Question: SAFE is a great movie. But I want to get back to the previous question about The Grudge remake. The Lighthouse was released in 2019 while The Grudge remake was released in January 2020. How could Robert Pattinson possibly —
Answer: You need to shut the fuck up right now. I’m not talking about that again. Ask another relevant question about SAFE so I can help these good people wash their hands.
Question: What’s reason #257 white people frighten you?
Answer: Etsy. Tied with how loud they get when they order dessert in a restaurant. Also tied with when they drone on about home-brewed beer. Also tied with mass genocide.
COLOR OUT OF SPACE (2019)
Richard Stanley‘s magenta-tinged mini-masterpiece makes a previously impossible-to-adapt HP Lovecraft story into the best Nicolas Cage movie of the 20-teens without the word Mandy in the title. Why is COLOR OUT OF SPACE so helpful while you wash your hands?

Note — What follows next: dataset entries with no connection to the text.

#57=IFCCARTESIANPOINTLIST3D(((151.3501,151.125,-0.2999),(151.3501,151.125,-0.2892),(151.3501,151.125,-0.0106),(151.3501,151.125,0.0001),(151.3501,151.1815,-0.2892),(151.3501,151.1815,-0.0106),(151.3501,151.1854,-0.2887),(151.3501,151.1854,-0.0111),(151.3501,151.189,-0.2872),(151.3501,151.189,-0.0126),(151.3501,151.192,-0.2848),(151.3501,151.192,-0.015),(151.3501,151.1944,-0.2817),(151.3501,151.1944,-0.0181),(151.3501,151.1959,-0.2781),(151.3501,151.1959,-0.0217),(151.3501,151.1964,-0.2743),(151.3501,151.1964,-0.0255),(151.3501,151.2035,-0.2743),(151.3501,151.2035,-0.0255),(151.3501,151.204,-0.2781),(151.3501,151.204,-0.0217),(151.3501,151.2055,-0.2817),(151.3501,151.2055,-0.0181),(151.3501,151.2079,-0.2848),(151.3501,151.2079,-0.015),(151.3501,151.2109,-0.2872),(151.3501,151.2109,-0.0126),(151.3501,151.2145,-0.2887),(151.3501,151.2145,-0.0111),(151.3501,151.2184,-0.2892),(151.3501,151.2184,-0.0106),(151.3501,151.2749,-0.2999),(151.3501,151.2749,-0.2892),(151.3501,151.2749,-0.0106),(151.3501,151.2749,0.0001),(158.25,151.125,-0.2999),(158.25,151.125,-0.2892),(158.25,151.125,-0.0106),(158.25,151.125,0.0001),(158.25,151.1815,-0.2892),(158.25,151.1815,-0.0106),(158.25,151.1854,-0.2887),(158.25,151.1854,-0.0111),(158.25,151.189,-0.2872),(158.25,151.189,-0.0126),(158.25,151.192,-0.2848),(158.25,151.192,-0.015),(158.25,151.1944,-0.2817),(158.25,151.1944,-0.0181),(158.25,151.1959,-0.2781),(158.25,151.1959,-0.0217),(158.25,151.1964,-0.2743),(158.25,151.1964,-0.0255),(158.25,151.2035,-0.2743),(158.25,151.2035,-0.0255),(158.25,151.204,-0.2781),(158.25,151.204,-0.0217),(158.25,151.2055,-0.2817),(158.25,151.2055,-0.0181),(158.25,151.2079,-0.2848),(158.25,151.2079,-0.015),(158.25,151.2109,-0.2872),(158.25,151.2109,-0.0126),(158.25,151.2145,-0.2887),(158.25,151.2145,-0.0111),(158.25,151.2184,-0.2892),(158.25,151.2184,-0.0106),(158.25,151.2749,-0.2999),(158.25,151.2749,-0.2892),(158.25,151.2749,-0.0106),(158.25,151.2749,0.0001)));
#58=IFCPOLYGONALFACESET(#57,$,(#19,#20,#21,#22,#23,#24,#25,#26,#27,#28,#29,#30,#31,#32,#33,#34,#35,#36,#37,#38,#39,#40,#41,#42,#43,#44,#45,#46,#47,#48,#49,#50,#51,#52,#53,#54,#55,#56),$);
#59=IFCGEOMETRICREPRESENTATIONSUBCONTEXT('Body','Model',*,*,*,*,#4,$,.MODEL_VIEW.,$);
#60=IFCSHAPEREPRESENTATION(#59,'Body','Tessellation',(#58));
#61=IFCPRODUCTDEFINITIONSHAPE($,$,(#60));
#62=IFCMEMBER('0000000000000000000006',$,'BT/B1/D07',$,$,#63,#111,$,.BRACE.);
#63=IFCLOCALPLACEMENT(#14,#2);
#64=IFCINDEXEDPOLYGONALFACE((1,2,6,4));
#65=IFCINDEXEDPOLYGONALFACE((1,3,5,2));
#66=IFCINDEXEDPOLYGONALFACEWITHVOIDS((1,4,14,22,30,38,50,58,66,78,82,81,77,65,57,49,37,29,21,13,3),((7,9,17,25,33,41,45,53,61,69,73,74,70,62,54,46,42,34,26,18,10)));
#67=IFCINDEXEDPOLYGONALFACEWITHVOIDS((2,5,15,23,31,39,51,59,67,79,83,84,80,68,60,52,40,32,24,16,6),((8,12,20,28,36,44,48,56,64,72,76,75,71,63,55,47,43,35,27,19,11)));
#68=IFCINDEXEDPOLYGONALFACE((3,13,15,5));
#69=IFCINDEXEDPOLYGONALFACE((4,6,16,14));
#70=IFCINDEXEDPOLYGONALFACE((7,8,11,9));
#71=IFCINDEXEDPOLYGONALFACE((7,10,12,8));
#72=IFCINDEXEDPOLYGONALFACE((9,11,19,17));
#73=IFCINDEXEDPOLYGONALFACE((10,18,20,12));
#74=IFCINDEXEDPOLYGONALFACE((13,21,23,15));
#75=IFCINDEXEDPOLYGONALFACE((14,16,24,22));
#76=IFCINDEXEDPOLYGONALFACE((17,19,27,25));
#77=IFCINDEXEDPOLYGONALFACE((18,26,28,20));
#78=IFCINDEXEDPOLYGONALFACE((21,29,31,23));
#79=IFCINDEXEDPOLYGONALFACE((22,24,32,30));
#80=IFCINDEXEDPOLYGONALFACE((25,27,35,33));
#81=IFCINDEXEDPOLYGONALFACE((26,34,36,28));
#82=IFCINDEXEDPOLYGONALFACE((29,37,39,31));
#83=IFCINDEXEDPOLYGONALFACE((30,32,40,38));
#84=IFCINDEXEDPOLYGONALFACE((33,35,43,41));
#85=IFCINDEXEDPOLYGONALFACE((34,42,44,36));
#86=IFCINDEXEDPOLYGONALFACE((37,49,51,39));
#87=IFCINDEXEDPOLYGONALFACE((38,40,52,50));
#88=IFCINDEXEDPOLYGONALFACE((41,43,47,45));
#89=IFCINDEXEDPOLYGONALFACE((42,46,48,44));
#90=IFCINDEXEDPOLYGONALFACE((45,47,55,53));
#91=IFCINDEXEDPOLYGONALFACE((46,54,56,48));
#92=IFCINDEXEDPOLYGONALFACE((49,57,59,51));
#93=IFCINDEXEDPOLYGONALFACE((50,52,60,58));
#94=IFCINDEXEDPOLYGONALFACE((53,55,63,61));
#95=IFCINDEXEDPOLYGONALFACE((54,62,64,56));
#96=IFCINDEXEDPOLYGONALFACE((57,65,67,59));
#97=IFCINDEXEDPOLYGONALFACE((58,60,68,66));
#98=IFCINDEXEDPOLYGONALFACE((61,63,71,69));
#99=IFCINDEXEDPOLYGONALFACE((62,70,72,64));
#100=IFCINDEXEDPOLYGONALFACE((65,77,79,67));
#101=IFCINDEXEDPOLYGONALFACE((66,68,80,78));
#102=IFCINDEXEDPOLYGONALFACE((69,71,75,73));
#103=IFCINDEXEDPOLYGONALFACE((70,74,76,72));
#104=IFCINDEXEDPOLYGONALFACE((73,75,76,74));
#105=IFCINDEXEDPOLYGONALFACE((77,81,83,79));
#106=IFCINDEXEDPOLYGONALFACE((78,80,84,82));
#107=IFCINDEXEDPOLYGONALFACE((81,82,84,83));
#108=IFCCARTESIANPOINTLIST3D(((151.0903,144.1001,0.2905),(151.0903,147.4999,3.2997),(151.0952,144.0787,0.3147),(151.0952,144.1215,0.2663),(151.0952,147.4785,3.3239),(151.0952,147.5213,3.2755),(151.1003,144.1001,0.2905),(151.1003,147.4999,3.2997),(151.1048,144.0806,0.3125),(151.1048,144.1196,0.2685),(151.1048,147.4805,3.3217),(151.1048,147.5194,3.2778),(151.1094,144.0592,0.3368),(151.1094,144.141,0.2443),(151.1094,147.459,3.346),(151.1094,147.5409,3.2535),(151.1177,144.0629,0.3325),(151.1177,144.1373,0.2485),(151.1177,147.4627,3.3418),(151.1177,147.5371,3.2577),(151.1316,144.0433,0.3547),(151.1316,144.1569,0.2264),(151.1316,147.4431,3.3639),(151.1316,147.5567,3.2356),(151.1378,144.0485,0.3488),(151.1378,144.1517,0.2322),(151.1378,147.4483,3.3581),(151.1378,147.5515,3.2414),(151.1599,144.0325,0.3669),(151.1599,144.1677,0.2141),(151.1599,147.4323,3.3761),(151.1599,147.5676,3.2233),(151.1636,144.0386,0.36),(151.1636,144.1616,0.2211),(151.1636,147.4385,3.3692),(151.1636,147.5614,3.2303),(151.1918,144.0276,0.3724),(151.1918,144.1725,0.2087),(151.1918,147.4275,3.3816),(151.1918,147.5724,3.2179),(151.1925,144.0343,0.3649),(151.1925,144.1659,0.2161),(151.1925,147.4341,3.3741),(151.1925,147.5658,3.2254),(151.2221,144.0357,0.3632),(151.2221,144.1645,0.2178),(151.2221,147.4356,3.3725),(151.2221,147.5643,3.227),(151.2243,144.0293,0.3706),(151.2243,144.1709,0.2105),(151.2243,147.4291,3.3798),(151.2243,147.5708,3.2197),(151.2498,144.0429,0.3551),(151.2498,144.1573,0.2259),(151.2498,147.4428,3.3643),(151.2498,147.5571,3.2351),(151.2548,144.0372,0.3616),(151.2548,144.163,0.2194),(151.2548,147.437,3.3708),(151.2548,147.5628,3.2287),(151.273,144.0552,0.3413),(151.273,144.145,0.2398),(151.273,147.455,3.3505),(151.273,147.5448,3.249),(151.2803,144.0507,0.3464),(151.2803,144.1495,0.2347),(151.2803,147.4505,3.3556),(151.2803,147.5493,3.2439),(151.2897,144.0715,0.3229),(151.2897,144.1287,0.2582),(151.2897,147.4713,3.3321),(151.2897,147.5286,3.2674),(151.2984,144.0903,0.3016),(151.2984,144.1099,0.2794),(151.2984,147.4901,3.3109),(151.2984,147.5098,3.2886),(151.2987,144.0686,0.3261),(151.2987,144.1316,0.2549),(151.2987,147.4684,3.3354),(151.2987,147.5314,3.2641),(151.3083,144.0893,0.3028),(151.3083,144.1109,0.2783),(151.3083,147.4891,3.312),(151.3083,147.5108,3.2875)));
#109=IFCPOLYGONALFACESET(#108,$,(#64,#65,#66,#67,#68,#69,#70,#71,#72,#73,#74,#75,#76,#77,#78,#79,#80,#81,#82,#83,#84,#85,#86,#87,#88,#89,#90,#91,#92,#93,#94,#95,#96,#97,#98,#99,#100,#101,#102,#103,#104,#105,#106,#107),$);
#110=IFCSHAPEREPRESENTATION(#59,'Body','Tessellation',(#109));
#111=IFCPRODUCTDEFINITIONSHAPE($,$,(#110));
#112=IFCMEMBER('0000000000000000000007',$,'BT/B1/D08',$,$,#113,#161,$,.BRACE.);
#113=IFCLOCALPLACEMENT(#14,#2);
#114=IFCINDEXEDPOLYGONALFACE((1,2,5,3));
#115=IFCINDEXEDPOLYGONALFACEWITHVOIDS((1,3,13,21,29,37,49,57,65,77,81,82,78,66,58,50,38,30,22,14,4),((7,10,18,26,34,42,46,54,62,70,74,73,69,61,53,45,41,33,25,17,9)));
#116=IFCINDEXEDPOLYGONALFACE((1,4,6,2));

It’s a well-known fact in the medical community that Nicolas Cage’s voice cleans and disinfects any and all germs within a 40 feet radius.
Question: Is that why he makes so many movies? Even if most of them are terrible?
Answer: Exactly. Cage makes so many movies so that long after he’s passed away, his movies will be available in case there’s another outbreak of something. For example, in 2034 there will be a virus rampant in eastern Alaska. The Alaskan government will play the National Treasure movies on blast. The virus will be defeated in less than 5 days.
When coronavirus is finally eradicated, Nicolas Cage will make a movie about how his voice destroys all harmful germs.
THE LITTLE STRANGER (2018)
Ostensibly labeled a horror movie, this 2018 snoozer is scary only because of its innate ability to bore people to tears. And that’s how it fights germs. When you attempt to wash your hands while playing this movie, germs would rather kill themselves than watch it to the end. I put this on the list last because this is the most powerful anti-germ movie and also the most dangerous. While watching it, viewers could get so bored that they might throw themselves off a cliff as an act of mercy. Only use this movie if you don’t have access to the other movies. Or if you’re a member of the Gleeson family. I know there are a lot of you.
5 movies to wash your hands to.
5 movies that will save your life.
5 movies that could possibly save the world.
*We are not medical professionals – this entire listicle is fictitious – if you are showing signs of the coronavirus, please reach out to your doctor. Also, we don’t think anything will happen to Alaska – we love Alaska. Stay safe, wash your hands, and stay indoors!